State races are still a year away, but two candidates recently made stops in Hinesville.
Most recently, John Noel, a Democrat running for a seat on the Public Service Commission, visited Hinesville. Earlier Stacey Evans, a Democrat who is running for governor, spoke to members of the Liberty County Minority Chamber’s Smart Woman Achieving Greatness group.
The Atlanta-area attorney and state legislator is, among other things, a proponent of fully funding the HOPE scholarship.
“HOPE saved me,” Evans said during her visit on Oct. 7. “The HOPE scholarship gave me hope in the broader sense of the word. It got me to college, the first in my family to go there.”
Evans spoke of a rough childhood that included 16 different homes before she turned 18.
“I remember what it was like to come home and find that the lights had been shut off, and to see my mom struggle to put food on the table,” she said. “And I remember calling the police when one of my stepfathers dragged my mom through the yard, beating her … I remember feeling hopeless, powerless.”
Evans said college led to law school and later being elected a state lawmaker.
“I got some of the cuts (to HOPE) back, but not all of them. I kept getting stopped at the governor’s office,” she said. “And that’s why I’m running for governor. I’m running to bring hope and opportunity to all Georgia families.”
Evans said she wants to make technical school in Georgia tuition free for everyone. She also wants to see Georgia institute a living minimum wage, expand Medicaid, institute universal pre-K beginning at age 2 while investing more in school.
She said she also wants to see “comprehensive civil rights legislation in Georgia,” that will “provide state protections against discrimination based on race, religion, national origin, sex, sexual orientation or gender identity.”
Evans, facing a tough primary fight against fellow Democrat Stacey Abrams, told members of SWAG that everyone has the same concerns.
“Can I pay my mortgage, will my job be there next year, how will I send my kids to college, do my children’s schools live up to their promise?” she said. “When we remember that, and focus on these issues, and speak to them with progressive solutions like closing wage disparities, free technical education, and Medicaid expansion, we win votes, across the state and from Georgians of all stripes.”
Liberty Minority of Chamber founder Sabrina Newby said Evans was invited because, “Anyone who has a viable opportunity to impact the lives of the citizens of Liberty County, I believe, should speak directly to the citizens of Liberty County. Transparency politics is a must.”
Evans received the chamber’s SWAG award because “she is just that. We presented the award to Stacey Abrams as well. To be a woman who isn’t afraid to lead, that should be recognized.”
Public Service Commission
On Oct. 12, Noel stopped by the Coastal Courier “to introduce” himself.
A former state lawmaker from Atlanta, Noel is running for the PSC as a Democrat, though he said he thinks the races should be nonpartisan.
“To me it’s more about good administration than it is about good politicking,” he said. “It’s also about making the monopolies that we have granted to companies such as Georgia Power, making them act in ways that are beneficial to the rate payers they are serving. The only check against them is the Public Service Commission, which is intended to serve the public. My concern it is serving the utility companies.”
While the PSC is one of the least understood government commission in Georgia, it is responsible for regulating utilities in the state.
And apparently no utility is in more need of regulating at the moment than Georgia Power, according to Noel.
“The big enchilada right now is Plant Vogtle,” Noel said, referring to the expansion of the nuclear plant in Waynesboro.

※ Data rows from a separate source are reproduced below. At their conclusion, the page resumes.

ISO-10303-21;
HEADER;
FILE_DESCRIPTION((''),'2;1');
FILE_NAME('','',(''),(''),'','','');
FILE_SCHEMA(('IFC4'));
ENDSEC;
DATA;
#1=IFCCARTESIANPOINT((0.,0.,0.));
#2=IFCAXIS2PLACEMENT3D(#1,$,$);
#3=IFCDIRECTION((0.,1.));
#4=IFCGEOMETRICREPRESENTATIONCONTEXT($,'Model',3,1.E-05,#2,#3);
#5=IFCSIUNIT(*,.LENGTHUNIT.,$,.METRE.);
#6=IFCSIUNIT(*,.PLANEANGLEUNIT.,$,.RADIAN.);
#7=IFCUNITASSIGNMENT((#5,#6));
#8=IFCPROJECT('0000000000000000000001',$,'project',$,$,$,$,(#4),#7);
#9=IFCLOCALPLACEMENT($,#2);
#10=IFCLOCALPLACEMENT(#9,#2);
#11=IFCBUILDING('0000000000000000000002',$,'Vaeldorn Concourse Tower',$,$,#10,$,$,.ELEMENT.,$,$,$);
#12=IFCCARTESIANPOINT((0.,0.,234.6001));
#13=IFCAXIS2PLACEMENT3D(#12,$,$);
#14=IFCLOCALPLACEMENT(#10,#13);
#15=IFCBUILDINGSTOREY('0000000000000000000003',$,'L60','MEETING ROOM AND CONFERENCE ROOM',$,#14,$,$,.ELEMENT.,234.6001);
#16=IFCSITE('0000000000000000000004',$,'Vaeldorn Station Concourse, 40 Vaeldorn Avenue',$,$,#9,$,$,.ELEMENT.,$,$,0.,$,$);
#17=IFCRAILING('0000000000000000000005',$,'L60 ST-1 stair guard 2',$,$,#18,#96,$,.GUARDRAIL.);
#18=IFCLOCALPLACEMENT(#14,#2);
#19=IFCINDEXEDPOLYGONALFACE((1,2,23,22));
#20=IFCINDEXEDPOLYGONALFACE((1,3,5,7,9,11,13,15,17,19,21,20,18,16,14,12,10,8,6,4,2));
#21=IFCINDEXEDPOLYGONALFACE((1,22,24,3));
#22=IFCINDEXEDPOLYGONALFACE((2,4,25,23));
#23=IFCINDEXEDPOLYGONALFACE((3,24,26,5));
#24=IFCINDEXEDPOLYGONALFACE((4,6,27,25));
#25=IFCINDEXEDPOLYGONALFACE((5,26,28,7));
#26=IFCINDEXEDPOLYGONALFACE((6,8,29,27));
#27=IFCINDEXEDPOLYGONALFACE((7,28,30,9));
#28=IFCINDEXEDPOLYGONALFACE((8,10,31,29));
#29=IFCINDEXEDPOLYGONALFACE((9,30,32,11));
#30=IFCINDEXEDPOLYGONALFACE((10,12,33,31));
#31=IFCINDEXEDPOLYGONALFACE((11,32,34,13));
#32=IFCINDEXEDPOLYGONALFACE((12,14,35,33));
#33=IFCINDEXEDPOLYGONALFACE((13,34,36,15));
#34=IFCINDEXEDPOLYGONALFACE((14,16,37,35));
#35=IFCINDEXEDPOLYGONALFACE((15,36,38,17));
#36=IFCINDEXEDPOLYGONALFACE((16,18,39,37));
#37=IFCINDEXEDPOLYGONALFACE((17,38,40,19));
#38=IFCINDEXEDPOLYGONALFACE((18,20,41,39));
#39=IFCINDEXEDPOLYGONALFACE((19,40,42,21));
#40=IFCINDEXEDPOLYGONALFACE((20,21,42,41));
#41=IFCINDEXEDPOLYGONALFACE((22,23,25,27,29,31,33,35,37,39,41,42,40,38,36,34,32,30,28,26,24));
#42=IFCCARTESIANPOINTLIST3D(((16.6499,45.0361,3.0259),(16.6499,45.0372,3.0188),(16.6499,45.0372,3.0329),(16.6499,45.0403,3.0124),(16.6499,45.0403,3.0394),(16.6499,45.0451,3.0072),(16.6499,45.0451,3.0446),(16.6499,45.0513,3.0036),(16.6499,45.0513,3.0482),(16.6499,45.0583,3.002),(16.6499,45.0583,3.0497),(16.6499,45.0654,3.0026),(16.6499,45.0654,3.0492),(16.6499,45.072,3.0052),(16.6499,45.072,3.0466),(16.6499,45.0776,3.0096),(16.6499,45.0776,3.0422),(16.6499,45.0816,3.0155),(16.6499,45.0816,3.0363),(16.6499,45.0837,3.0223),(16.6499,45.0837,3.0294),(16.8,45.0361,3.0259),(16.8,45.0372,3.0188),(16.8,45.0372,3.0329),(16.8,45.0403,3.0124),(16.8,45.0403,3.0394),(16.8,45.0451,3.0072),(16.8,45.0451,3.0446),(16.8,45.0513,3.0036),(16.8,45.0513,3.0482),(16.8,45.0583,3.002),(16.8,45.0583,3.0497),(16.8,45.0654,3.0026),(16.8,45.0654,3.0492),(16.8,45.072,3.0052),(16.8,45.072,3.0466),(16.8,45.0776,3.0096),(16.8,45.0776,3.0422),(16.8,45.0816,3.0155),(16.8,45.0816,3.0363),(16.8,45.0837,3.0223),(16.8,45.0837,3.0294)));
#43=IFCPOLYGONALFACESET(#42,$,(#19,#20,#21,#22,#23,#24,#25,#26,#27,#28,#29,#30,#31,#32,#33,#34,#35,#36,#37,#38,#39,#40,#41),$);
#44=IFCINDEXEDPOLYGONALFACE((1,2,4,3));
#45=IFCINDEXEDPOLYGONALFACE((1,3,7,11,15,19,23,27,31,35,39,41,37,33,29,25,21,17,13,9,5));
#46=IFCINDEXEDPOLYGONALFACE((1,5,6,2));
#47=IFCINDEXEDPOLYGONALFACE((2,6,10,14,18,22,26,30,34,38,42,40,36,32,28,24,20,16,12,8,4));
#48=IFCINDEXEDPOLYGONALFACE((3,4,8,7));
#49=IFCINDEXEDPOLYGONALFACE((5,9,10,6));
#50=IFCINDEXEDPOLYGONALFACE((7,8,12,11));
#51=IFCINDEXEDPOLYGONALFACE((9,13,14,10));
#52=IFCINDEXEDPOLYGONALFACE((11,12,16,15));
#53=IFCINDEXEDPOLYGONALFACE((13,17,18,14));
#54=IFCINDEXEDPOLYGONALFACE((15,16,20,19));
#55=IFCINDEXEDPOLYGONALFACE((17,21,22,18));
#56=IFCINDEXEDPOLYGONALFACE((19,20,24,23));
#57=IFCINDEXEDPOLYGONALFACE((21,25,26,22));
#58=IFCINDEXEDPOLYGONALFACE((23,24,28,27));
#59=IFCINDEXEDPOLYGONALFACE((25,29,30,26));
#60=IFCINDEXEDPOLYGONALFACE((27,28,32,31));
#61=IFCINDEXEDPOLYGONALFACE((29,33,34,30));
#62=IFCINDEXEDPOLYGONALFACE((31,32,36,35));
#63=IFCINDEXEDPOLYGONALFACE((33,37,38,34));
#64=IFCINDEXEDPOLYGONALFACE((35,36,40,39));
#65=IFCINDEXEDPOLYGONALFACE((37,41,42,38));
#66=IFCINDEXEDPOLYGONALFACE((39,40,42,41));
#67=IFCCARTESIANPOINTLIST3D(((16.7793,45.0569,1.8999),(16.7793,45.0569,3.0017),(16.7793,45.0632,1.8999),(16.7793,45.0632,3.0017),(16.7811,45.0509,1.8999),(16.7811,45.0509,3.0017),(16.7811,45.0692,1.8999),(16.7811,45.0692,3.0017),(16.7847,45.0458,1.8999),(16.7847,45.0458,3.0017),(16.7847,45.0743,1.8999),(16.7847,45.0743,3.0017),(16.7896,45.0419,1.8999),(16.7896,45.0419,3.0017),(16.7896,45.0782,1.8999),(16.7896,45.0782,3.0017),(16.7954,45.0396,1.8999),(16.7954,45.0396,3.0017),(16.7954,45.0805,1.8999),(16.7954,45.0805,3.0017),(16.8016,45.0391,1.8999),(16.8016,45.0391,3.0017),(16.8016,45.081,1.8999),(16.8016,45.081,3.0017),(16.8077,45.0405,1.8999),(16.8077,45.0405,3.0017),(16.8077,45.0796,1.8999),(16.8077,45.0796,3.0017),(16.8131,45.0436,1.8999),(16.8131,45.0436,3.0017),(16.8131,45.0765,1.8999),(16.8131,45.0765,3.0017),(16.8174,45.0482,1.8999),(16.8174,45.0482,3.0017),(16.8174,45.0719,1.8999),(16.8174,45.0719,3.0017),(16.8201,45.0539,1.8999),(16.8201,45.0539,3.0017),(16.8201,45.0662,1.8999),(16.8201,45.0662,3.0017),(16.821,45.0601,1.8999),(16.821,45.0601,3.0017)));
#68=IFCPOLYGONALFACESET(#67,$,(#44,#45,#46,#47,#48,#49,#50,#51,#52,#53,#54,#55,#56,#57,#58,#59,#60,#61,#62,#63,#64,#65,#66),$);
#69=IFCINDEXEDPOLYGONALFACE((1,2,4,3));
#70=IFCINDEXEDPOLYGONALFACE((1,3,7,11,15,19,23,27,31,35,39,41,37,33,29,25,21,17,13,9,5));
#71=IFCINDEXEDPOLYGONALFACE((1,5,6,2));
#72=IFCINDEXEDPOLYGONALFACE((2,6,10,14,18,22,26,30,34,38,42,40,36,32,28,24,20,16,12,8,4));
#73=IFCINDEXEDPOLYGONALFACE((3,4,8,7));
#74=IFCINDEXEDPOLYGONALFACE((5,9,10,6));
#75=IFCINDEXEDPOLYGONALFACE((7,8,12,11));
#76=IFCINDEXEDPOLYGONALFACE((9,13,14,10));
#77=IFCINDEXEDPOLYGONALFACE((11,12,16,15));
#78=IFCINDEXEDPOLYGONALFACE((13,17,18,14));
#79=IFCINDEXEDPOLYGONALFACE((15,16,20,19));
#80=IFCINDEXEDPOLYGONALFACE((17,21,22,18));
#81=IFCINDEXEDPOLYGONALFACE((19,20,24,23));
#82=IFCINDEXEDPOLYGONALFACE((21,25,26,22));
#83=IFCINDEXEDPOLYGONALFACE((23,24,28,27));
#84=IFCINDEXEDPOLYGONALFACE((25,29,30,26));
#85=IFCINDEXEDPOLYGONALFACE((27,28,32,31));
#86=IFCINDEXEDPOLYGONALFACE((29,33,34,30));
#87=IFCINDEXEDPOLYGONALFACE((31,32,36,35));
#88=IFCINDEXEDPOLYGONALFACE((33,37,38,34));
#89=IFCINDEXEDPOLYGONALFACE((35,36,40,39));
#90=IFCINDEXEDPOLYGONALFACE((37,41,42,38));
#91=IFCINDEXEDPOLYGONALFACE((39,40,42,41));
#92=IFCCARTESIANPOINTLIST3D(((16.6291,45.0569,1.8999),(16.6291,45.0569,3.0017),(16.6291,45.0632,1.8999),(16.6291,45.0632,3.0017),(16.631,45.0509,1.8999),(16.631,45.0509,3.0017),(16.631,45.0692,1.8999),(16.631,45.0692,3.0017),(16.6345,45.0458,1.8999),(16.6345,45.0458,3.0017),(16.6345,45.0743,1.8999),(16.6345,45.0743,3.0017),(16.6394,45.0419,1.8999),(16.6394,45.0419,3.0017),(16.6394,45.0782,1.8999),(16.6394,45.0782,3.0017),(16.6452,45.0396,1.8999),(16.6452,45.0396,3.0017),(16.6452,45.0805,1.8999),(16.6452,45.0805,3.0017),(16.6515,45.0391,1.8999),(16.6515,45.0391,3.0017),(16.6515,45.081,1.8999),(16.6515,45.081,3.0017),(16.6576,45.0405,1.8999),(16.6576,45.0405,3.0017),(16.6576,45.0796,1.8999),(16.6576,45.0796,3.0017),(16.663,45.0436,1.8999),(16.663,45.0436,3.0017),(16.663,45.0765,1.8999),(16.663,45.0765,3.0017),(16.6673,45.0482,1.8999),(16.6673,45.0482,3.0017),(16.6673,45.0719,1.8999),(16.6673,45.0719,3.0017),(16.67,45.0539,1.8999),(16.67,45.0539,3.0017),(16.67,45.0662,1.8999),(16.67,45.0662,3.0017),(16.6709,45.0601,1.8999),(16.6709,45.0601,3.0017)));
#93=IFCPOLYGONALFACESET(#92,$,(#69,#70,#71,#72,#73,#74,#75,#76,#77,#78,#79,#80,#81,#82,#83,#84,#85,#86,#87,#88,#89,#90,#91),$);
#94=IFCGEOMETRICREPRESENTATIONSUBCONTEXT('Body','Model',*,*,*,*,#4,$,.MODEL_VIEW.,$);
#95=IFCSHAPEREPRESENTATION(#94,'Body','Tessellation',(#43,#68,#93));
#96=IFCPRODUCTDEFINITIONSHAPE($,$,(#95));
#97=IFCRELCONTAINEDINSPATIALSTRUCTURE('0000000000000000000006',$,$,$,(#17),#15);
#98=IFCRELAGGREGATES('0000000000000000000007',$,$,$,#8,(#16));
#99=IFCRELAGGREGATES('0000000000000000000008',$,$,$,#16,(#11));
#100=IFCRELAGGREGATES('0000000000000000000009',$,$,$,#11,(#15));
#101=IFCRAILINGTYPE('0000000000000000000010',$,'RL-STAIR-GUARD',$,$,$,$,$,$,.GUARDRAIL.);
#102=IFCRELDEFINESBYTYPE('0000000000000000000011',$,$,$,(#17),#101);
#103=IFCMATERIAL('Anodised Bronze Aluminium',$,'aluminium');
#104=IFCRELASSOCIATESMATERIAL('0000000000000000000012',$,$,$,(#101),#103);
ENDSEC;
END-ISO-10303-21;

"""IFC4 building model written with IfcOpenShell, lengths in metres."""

from ifc_helpers import new_model, si_unit, direction, frame, origin, origin_2d, place, context, subcontext, project, spatial, circle, extrude, material, type_object, element, save


model = new_model("IFC4")

# Units and contexts
model_context = context("Model", 3, precision=1e-05, world=origin(), true_north=direction((0.0, 1.0)))
body_context = subcontext(model_context, "Body", "Model", "MODEL_VIEW")
ifc_project = project(units=[si_unit("LENGTHUNIT", "METRE"), si_unit("PLANEANGLEUNIT", "RADIAN")], contexts=[model_context])

# Site, building, storey
site_placement = place(None, origin())
site = spatial("IfcSite", under=ifc_project, at=site_placement, Name="Vaeldorn Station Concourse, 40 Vaeldorn Avenue", CompositionType="ELEMENT", RefElevation=0.0)
building_placement = place(site_placement, origin())
building = spatial("IfcBuilding", under=site, at=building_placement, Name="Vaeldorn Concourse Tower", CompositionType="ELEMENT")
storey_placement = place(building_placement, frame((0.0, 0.0, 234.6001)))
storey = spatial("IfcBuildingStorey", under=building, at=storey_placement, Name="L60", Description="MEETING ROOM AND CONFERENCE ROOM", CompositionType="ELEMENT", Elevation=234.6001)

# Shared definitions
ifc_material_1 = material(Name="Anodised Bronze Aluminium", Category="aluminium")

# Railing
railing_type_1 = type_object("IfcRailingType", Name="RL-STAIR-GUARD", PredefinedType="GUARDRAIL", material=ifc_material_1)
railing_1_placement = place(storey_placement, frame((16.8, 45.0601, 1.8999)))
element("IfcRailing", 1, at=railing_1_placement, inside=storey, type_object=railing_type_1, Name="L60 ST-1 stair guard 2", PredefinedType="GUARDRAIL", context=body_context, shape_type="SweptSolid", body=[
    extrude(circle(Radius=0.0239, at=origin_2d()), frame((0.0, 0.0, 1.126), z_axis=(-1.0, 0.0, 0.0), x_axis=(0.0, -1.0, 0.0)), (0.0, 0.0, 1.0), 0.1501),
    extrude(circle(Radius=0.021, at=origin_2d()), origin(), (0.0, 0.0, 1.0), 1.1018),
    extrude(circle(Radius=0.021, at=origin_2d()), frame((-0.1501, 0.0, 0.0)), (0.0, 0.0, 1.0), 1.1018),
])

save(model, "model.ifc")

The company maintains it will need the additional capacity to handle rising demands for energy as the state population increases.
Noel, who owns Energy+Environment LLC, an energy efficiency company, said Georgia Power doesn’t need extra capacity, and cost overruns could double the estimated price from $14 billion to more than $28 billion before it’s finished.
The cost is being made up through a nuclear recovery fee that’s already being passed on to smaller customers and government accounts, according to Noel, who said the Richmond County School System alone could pay hundreds of thousands of dollars toward the expansion.
“How many teachers would that pay for?” Noel asked. “The PSC is supposed to ask the tough questions and stand up for our interests, and stand up to the utilities. Instead they’re rubber stamping everything they can get their hands on, and beyond that they’re not being aggressive with regard to new technology.”
Noel, who during his stop in Liberty visited Clay Sikes, the founder of Coastal Solar, claims solar power is the cheapest source of power available to utilities at this point.
“Coal is not cheap, natural gas is not cheap, nothing is as cheap as solar, and yet we continue to bury ourselves in this continually more expensive endeavor (Plant Vogtle).”
According to Noel, Georgia Power could build a solar system capable of matching the output 12,000 megawatts of a nuclear reactor for $2.4 billion.
“And it just so happens right now it’s $28 billion, which is 10-plus times more to build a nuclear plant than it is to build a solar system and do it right.”
And that’s capitalism, Noel said, it’s the way the free market should work.
“What we’ve got right now is crony capitalism, a cozy situation between the regulators and the electric company,” he said.